Tennessee art gallery's no-nudes policy draws criticism
By The Associated Press
NASHVILLE, Tenn. The Tennessee Arts Commission bans nude art at its gallery, but an anti-censorship group says the naked truth is that nudes have been a staple of Western art since ancient Greece.
The commission has blocked a Knoxville artist's painting of a female nude.
As a result, the New York-based National Coalition Against Censorship has urged Rich Boyd, executive director of the arts commission, to reconsider the ban.
"This has always been our policy, because this is a public gallery, and we are a state agency that has schoolchildren coming through here," Boyd said yesterday.
He said the state Attorney General's office had advised him that the ban appeared legally sound.
The dispute arose after a group of oil paintings by Ernie Sandidge of Knoxville was accepted last fall for a future group show at the gallery.

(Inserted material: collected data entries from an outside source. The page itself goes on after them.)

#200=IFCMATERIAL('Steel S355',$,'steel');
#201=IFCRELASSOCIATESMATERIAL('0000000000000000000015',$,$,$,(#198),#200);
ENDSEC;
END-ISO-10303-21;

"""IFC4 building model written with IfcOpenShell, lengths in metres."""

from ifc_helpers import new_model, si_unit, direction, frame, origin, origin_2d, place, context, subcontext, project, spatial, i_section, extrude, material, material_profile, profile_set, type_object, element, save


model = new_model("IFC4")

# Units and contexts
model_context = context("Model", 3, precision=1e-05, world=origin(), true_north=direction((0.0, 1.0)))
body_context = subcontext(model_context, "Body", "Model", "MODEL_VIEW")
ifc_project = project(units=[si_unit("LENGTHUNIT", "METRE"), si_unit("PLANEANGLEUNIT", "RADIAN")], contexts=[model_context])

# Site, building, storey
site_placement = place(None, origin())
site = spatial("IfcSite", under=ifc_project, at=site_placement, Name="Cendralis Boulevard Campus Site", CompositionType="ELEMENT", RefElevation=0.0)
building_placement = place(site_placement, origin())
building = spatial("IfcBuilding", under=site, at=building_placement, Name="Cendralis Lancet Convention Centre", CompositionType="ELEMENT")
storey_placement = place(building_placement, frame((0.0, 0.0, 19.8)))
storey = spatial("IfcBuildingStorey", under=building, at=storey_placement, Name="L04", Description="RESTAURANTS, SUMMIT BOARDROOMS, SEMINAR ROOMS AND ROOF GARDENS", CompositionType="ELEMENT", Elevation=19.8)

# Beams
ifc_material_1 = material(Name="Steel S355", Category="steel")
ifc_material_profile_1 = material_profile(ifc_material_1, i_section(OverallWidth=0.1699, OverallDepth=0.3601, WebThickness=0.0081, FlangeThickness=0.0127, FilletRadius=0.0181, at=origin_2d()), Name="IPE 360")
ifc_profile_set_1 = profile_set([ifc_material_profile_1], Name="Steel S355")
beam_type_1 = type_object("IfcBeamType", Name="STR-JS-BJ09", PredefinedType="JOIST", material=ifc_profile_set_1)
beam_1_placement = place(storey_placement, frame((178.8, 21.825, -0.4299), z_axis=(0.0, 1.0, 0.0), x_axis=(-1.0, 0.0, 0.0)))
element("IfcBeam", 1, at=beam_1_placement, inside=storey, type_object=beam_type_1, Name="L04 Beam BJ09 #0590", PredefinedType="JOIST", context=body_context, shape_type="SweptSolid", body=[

When Sandidge was later informed that a nude work included in his submission could not be part of the show, he objected.
The NCAC took up his cause with a letter to Boyd dated March 21. However, the group said legal action would not be practical.
"In court, this could go either way and would go into this complex public forum analysis," said Svetlana Mintcheva, NCAC's arts advocacy project coordinator. "It takes four years for something to come through (the courts), and in the meantime you can't see the work of the artist. So, it's not productive, in terms of getting the art out there."
Sandidge, 35, said he thinks schoolchildren can learn from his paintings.
"What I'm working on now is a total work. The nudes form an integral part of the complete body of work. Although all of the work doesn't necessarily represent naked people, some of the work does, and all the work goes together."
The commission's 650-square-foot gallery, located across from the state Capitol, features work by Tennessee artists, usually in small group shows. The exhibits rotate every six weeks.